Parafraseando un poco a Benjamin, podemos decir que la diferencia entre la representación simbólica y la alegórica, consiste en que esta última no significa más que un concepto general o una idea que no coincide con ella. La idea que representa la alegoría jamás coincide con ella misma, por tanto es equívoca. Mantiene siempre ocultas otras significaciones. Mientras que la representación simbólica es la idea misma encarnada y hecha sensible. En la alegoría se sustituye algo, una cosa, una idea por otra; en el símbolo, el concepto ha descendido y es el mismo lo que vemos en la imagen sin necesidad de mediación. La alegoría no desciende al mundo físico, se mantiene en el mundo de las ideas y de la representación. “Las alegorías son en el reino del pensamiento lo que las ruinas en el reino de las cosas”. Finalmente, para terminar con estas diferenciaciones entre símbolo y alegoría y para que esta última, por el uso que le daremos, no se preste —paradojalmente— a equívocos, citaremos lo que sigue. El símbolo, señala Benjamin, “es el signo de las ideas (autárquico, compacto, siempre igual a sí mismo) y la alegoría una réplica de dichas ideas: una réplica dramáticamente móvil y fluyente que progresa de modo sucesivo, acompañando al tiempo en su discurrir. El símbolo y la alegoría son el uno al otro lo que la naturaleza muda, grandiosa y potente de las montañas y las plantas es a la historia humana, que progresa con la vida”.


VIII.

Entonces como la alegoría apunta a la condición humana, hemos de interpretar la realidad grotesca que se genera dentro de la cultura popular del Barrio Puerto de Valparaíso como una representación alegórica. Entendiendo que detrás de las imágenes que manifiestan los sujetos populares y las cosas en ruinas se oculta algo. Una verdad que necesariamente debemos develar.
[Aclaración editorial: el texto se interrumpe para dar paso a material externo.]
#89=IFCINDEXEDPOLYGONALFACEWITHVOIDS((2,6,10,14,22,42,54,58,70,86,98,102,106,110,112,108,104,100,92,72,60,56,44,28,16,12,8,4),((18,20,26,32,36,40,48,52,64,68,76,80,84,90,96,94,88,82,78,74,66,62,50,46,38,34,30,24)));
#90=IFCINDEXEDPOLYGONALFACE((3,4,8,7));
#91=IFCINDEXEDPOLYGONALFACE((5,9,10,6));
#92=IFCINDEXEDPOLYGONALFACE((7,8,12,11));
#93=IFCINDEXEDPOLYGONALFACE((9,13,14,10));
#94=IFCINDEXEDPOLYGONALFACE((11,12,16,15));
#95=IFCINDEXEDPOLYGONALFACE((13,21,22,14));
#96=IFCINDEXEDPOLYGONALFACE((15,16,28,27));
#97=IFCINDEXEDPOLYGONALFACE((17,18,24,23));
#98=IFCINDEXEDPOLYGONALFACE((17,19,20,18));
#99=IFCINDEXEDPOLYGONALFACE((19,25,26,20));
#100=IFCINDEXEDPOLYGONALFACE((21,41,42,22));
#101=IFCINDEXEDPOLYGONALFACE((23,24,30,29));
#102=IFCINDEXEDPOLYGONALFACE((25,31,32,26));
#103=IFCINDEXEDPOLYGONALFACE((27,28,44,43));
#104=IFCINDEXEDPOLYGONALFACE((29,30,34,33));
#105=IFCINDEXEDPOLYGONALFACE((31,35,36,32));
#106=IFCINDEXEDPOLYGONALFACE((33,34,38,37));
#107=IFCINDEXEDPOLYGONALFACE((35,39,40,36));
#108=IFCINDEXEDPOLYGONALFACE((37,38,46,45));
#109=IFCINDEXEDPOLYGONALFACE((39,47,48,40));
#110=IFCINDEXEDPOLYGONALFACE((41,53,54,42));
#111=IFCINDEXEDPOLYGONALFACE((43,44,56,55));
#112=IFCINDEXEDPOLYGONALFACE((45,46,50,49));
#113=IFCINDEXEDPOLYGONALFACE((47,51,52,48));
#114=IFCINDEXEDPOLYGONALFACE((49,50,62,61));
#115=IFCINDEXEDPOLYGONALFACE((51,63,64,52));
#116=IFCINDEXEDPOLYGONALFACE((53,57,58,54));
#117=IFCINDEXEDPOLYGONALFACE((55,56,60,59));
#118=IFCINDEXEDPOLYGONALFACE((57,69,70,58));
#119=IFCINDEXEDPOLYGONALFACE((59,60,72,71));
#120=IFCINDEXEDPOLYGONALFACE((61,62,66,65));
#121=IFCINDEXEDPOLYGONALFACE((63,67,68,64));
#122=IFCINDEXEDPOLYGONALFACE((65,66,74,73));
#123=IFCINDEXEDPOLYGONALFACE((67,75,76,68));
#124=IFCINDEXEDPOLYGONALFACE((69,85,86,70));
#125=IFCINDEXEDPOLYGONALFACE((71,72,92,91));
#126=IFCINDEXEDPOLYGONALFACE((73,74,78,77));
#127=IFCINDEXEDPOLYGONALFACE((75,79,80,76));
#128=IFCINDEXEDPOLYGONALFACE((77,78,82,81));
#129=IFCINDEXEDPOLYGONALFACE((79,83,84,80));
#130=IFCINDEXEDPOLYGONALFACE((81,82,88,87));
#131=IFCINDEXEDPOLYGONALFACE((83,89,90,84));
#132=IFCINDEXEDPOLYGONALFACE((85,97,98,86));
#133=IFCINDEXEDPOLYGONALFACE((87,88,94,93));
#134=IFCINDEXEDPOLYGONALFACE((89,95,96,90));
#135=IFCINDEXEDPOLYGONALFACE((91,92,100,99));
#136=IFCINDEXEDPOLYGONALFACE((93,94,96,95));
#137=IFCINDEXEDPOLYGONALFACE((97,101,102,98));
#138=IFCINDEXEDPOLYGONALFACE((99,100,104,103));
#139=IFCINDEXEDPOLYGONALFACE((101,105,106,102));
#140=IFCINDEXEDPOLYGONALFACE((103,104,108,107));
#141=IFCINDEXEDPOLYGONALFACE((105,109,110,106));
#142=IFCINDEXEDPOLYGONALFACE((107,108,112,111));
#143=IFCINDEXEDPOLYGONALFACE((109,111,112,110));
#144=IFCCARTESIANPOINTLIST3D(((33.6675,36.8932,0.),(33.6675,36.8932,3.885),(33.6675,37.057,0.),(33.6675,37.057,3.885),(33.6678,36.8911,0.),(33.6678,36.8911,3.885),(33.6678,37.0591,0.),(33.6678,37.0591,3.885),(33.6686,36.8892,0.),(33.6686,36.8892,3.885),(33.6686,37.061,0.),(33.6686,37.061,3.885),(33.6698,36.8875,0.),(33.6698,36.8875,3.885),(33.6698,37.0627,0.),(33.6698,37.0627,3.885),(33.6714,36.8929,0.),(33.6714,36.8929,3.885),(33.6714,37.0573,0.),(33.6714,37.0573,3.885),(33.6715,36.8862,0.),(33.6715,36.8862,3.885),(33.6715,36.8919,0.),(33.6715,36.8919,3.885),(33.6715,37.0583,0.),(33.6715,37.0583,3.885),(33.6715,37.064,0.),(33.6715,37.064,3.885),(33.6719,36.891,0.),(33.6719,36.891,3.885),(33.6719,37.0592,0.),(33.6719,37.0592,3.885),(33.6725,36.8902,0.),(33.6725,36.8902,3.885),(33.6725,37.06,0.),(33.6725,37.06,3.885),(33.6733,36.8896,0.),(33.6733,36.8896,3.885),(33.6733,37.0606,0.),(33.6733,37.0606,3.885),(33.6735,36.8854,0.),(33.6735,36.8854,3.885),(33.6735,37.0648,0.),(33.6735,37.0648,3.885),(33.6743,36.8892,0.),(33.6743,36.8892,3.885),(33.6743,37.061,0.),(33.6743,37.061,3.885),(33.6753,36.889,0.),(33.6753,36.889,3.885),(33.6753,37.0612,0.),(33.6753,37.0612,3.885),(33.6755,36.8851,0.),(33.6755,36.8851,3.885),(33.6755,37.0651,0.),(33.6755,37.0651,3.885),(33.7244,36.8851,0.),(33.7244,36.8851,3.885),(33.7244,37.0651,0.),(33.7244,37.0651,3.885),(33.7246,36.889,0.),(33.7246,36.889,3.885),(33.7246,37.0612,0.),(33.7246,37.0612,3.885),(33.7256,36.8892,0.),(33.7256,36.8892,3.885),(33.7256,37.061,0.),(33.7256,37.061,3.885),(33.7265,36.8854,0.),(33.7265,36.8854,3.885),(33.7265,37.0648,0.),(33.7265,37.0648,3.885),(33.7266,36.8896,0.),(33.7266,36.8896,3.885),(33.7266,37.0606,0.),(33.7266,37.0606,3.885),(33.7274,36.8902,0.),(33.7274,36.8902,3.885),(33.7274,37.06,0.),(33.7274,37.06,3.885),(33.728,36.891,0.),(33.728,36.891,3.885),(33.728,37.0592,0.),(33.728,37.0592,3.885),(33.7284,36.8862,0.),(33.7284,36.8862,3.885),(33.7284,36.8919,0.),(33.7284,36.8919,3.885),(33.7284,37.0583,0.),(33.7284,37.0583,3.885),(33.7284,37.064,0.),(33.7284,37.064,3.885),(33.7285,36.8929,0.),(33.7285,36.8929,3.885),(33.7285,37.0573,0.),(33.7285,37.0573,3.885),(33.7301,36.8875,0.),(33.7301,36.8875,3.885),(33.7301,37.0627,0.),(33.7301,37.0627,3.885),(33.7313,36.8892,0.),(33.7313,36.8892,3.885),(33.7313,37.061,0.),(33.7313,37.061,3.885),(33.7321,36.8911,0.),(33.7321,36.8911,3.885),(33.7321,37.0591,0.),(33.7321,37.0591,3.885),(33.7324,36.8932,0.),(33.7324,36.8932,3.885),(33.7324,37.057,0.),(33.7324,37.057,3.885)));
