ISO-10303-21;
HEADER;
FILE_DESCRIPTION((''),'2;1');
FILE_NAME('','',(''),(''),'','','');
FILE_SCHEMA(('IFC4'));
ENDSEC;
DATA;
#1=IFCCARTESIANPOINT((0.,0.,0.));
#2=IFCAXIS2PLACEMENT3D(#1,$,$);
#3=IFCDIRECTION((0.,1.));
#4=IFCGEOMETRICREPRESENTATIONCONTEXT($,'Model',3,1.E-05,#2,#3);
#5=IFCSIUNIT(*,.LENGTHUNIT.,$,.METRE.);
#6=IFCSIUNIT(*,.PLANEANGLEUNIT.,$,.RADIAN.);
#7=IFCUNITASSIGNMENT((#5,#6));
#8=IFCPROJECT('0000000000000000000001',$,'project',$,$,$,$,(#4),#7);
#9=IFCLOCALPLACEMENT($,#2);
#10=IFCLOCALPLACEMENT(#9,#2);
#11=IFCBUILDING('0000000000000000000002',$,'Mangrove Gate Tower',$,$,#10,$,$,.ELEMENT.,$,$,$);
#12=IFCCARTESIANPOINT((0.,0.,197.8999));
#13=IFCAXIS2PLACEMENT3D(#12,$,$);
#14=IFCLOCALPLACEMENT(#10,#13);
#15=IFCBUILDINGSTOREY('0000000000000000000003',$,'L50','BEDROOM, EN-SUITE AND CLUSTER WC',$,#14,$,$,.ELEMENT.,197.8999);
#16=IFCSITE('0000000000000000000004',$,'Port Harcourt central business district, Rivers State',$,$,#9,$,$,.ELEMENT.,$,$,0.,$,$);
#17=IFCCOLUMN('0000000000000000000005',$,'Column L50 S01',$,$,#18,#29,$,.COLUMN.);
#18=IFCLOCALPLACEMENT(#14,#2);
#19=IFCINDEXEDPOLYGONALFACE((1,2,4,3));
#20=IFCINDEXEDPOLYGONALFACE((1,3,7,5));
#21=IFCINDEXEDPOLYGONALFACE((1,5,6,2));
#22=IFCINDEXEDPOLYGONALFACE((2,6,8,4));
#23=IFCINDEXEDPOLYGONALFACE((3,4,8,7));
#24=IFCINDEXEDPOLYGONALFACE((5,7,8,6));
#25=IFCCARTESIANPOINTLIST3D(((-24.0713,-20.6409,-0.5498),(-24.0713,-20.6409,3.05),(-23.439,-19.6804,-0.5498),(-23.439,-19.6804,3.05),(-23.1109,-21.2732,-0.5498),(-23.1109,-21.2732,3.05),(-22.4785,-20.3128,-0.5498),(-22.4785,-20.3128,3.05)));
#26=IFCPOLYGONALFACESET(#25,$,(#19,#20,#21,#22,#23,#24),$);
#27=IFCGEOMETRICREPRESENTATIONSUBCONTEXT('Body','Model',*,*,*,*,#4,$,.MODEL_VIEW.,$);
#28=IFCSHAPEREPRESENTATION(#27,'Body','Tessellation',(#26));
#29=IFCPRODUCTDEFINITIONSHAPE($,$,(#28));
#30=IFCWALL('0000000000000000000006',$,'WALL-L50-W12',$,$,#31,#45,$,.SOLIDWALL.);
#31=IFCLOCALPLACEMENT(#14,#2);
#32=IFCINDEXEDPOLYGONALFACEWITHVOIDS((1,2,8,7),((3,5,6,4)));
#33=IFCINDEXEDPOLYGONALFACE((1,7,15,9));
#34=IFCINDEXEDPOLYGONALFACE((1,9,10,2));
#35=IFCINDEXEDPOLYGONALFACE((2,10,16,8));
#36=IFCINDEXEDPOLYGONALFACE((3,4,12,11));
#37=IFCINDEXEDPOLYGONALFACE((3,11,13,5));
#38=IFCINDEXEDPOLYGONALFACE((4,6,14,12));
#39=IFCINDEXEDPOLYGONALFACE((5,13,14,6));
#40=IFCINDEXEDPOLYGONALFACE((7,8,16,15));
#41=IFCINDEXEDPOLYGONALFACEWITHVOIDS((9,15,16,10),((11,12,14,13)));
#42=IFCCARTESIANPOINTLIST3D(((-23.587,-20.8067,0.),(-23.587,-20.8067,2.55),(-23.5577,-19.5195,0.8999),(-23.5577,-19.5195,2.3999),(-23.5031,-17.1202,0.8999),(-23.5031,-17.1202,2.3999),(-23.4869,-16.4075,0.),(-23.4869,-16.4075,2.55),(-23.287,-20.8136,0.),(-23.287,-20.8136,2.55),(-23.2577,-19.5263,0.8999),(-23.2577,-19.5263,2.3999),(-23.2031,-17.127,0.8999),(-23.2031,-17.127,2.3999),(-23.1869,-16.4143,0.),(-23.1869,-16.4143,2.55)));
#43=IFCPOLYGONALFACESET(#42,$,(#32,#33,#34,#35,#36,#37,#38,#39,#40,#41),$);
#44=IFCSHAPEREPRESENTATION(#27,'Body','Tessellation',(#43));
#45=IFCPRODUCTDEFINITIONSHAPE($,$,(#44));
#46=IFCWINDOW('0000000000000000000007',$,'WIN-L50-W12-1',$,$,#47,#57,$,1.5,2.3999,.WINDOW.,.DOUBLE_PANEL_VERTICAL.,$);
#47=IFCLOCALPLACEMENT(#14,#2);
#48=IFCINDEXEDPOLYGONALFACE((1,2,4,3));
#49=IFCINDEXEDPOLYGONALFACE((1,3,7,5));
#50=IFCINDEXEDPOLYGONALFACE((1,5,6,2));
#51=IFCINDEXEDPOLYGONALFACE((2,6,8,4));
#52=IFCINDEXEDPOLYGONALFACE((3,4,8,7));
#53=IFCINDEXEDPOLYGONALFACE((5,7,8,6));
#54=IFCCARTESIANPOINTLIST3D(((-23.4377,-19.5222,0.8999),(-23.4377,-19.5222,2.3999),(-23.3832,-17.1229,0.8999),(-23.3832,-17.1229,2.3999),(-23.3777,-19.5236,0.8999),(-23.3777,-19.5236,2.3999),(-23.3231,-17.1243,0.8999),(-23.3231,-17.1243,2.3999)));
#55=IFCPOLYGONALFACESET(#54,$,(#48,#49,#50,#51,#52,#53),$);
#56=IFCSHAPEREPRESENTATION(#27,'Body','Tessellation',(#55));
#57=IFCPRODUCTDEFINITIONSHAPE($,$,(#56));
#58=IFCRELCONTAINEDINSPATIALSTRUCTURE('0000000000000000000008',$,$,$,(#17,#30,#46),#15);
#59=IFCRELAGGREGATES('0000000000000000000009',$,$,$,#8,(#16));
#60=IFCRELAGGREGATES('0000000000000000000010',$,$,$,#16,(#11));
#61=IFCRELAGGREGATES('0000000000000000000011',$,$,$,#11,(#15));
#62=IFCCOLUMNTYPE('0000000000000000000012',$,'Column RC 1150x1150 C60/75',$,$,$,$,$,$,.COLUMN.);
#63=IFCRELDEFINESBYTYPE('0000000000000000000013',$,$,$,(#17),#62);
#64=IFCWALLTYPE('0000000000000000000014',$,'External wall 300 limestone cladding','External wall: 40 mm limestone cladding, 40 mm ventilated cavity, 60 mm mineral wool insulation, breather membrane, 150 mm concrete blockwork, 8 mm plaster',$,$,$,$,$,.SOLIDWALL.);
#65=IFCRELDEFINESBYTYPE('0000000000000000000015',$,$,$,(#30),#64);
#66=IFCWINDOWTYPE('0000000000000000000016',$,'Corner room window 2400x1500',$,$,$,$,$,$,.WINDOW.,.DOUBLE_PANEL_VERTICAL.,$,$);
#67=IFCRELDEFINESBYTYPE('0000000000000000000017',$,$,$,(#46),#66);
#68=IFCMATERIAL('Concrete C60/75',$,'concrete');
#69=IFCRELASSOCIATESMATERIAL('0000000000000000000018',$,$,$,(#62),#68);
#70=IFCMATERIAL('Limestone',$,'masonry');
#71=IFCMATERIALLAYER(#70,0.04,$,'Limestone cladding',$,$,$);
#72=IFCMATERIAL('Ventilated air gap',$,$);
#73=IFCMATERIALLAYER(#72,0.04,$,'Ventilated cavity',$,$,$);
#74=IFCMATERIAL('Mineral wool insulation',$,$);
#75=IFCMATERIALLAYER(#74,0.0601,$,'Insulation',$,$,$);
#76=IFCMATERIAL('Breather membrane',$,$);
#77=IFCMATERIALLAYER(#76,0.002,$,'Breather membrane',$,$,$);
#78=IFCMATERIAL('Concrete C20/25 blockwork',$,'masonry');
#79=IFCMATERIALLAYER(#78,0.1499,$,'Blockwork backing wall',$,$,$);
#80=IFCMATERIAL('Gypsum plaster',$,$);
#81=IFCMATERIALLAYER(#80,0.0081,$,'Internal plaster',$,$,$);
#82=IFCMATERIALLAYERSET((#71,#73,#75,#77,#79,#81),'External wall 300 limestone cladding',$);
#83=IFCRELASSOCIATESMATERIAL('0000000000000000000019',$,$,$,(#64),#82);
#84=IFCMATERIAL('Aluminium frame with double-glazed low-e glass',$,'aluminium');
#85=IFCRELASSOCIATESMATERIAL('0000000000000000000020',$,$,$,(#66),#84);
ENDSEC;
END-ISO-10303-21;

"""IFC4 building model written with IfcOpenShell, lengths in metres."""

from ifc_helpers import new_model, si_unit, direction, frame, frame_2d, origin, origin_2d, place, context, subcontext, project, spatial, rectangle, extrude, material, layer, layer_set, material_profile, profile_set, type_object, element, fill, save


model = new_model("IFC4")

# Units and contexts
model_context = context("Model", 3, precision=1e-05, world=origin(), true_north=direction((0.0, 1.0)))
body_context = subcontext(model_context, "Body", "Model", "MODEL_VIEW")
ifc_project = project(units=[si_unit("LENGTHUNIT", "METRE"), si_unit("PLANEANGLEUNIT", "RADIAN")], contexts=[model_context])

# Site, building, storey
site_placement = place(None, origin())
site = spatial("IfcSite", under=ifc_project, at=site_placement, Name="Port Harcourt central business district, Rivers State", CompositionType="ELEMENT", RefElevation=0.0)
building_placement = place(site_placement, origin())
building = spatial("IfcBuilding", under=site, at=building_placement, Name="Mangrove Gate Tower", CompositionType="ELEMENT")
storey_placement = place(building_placement, frame((0.0, 0.0, 197.8999)))
storey = spatial("IfcBuildingStorey", under=building, at=storey_placement, Name="L50", Description="BEDROOM, EN-SUITE AND CLUSTER WC", CompositionType="ELEMENT", Elevation=197.8999)

# Column
ifc_material_1 = material(Name="Concrete C60/75", Category="concrete")
ifc_material_profile = material_profile(ifc_material_1, rectangle(XDim=1.1499, YDim=1.1499, at=origin_2d()))
ifc_profile_set = profile_set([ifc_material_profile], Name="Concrete C60/75")
column_type = type_object("IfcColumnType", Name="Column RC 1150x1150 C60/75", PredefinedType="COLUMN", material=ifc_profile_set)
column_placement = place(storey_placement, frame((-23.2749, -20.4768, -0.5498), z_axis=(0.0, 0.0, 1.0), x_axis=(0.835229, -0.549902, 0.0)))
element("IfcColumn", 1, at=column_placement, inside=storey, type_object=column_type, Name="Column L50 S01", PredefinedType="COLUMN", context=body_context, shape_type="SweptSolid", body=[
    extrude(rectangle(XDim=1.1499, YDim=1.1499, at=origin_2d()), origin(), (0.0, 0.0, 1.0), 3.5999),
])

# Wall, opening, window
ifc_material_2 = material(Name="Limestone", Category="masonry")
ifc_layer_1 = layer(ifc_material_2, 0.04, Name="Limestone cladding")
ifc_material_3 = material(Name="Ventilated air gap")
ifc_layer_2 = layer(ifc_material_3, 0.04, Name="Ventilated cavity")
ifc_material_4 = material(Name="Mineral wool insulation")
ifc_layer_3 = layer(ifc_material_4, 0.0601, Name="Insulation")
ifc_material_5 = material(Name="Breather membrane")
ifc_layer_4 = layer(ifc_material_5, 0.002, Name="Breather membrane")
ifc_material_6 = material(Name="Concrete C20/25 blockwork", Category="masonry")
ifc_layer_5 = layer(ifc_material_6, 0.1499, Name="Blockwork backing wall")
ifc_material_7 = material(Name="Gypsum plaster")
ifc_layer_6 = layer(ifc_material_7, 0.0081, Name="Internal plaster")
ifc_layer_set = layer_set([ifc_layer_1, ifc_layer_2, ifc_layer_3, ifc_layer_4, ifc_layer_5, ifc_layer_6], Name="External wall 300 limestone cladding")
wall_type = type_object("IfcWallType", Name="External wall 300 limestone cladding", Description="External wall: 40 mm limestone cladding, 40 mm ventilated cavity, 60 mm mineral wool insulation, breather membrane, 150 mm concrete blockwork, 8 mm plaster", PredefinedType="SOLIDWALL", material=ifc_layer_set)
wall_1_placement = place(storey_placement, frame((-23.3369, -16.4109, 0.0), z_axis=(0.0, 0.0, 1.0), x_axis=(-0.022748, -0.999741, 0.0)))
wall_1 = element("IfcWall", 2, at=wall_1_placement, inside=storey, type_object=wall_type, Name="WALL-L50-W12", PredefinedType="SOLIDWALL", context=body_context, shape_type="SweptSolid", body=[
    extrude(rectangle(XDim=4.4004, YDim=0.3, at=frame_2d((2.2002, 0.0))), origin(), (0.0, 0.0, 1.0), 2.55),
])
opening_1_placement = place(wall_1_placement, frame((0.7129, 0.0, 0.8999)))
opening_1 = element("IfcOpeningElement", 3, at=opening_1_placement, cuts=wall_1, PredefinedType="OPENING", context=body_context, shape_type="SweptSolid", body=[
    extrude(rectangle(XDim=2.3999, YDim=1.5, at=frame_2d((1.2, 0.75))), frame((0.0, 0.1599, 0.0), z_axis=(0.0, -1.0, 0.0), x_axis=(1.0, 0.0, 0.0)), (0.0, 0.0, 1.0), 0.3201),
])
ifc_material_8 = material(Name="Aluminium frame with double-glazed low-e glass", Category="aluminium")
window_type = type_object("IfcWindowType", Name="Corner room window 2400x1500", PartitioningType="DOUBLE_PANEL_VERTICAL", PredefinedType="WINDOW", material=ifc_material_8)
window_1_placement = place(opening_1_placement, origin())
window_1 = element("IfcWindow", 4, at=window_1_placement, inside=storey, type_object=window_type, Name="WIN-L50-W12-1", OverallHeight=1.5, OverallWidth=2.3999, PartitioningType="DOUBLE_PANEL_VERTICAL", PredefinedType="WINDOW", context=body_context, shape_type="SweptSolid", body=[
    extrude(rectangle(XDim=2.3999, YDim=1.5, at=frame_2d((1.2, 0.75))), frame((0.0, 0.03, 0.0), z_axis=(0.0, -1.0, 0.0), x_axis=(1.0, 0.0, 0.0)), (0.0, 0.0, 1.0), 0.0601),
])
fill(opening_1, window_1)

save(model, "model.ifc")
La verdad, sin embargo, no puede ser expuesta, representable, de manera directa sino sólo a través de un artificio: la alegoría.

Entonces, para eso se requiere primero del acto de desciframiento, es decir, hacer de ello una lectura alegórica. Y no quedarnos con la verdad aparente que, como símbolo, nos refleja. La lectura que debemos hacer, de la mano de Benjamin, de esta cosmovisión sociocultural, resulta ser entonces revolucionaria respecto al modo como se ha visto este sector y la cultura popular en general: siempre de manera pintoresca, simbólica. Deteniéndose en lo que tiene de entretenido y vistoso. Analizada sólo por y a través de lo que representa en una primera y única instancia y no buscando lo que esconde detrás. No haciendo hablar a esas ruinas. No deconstruyendo lo destruido.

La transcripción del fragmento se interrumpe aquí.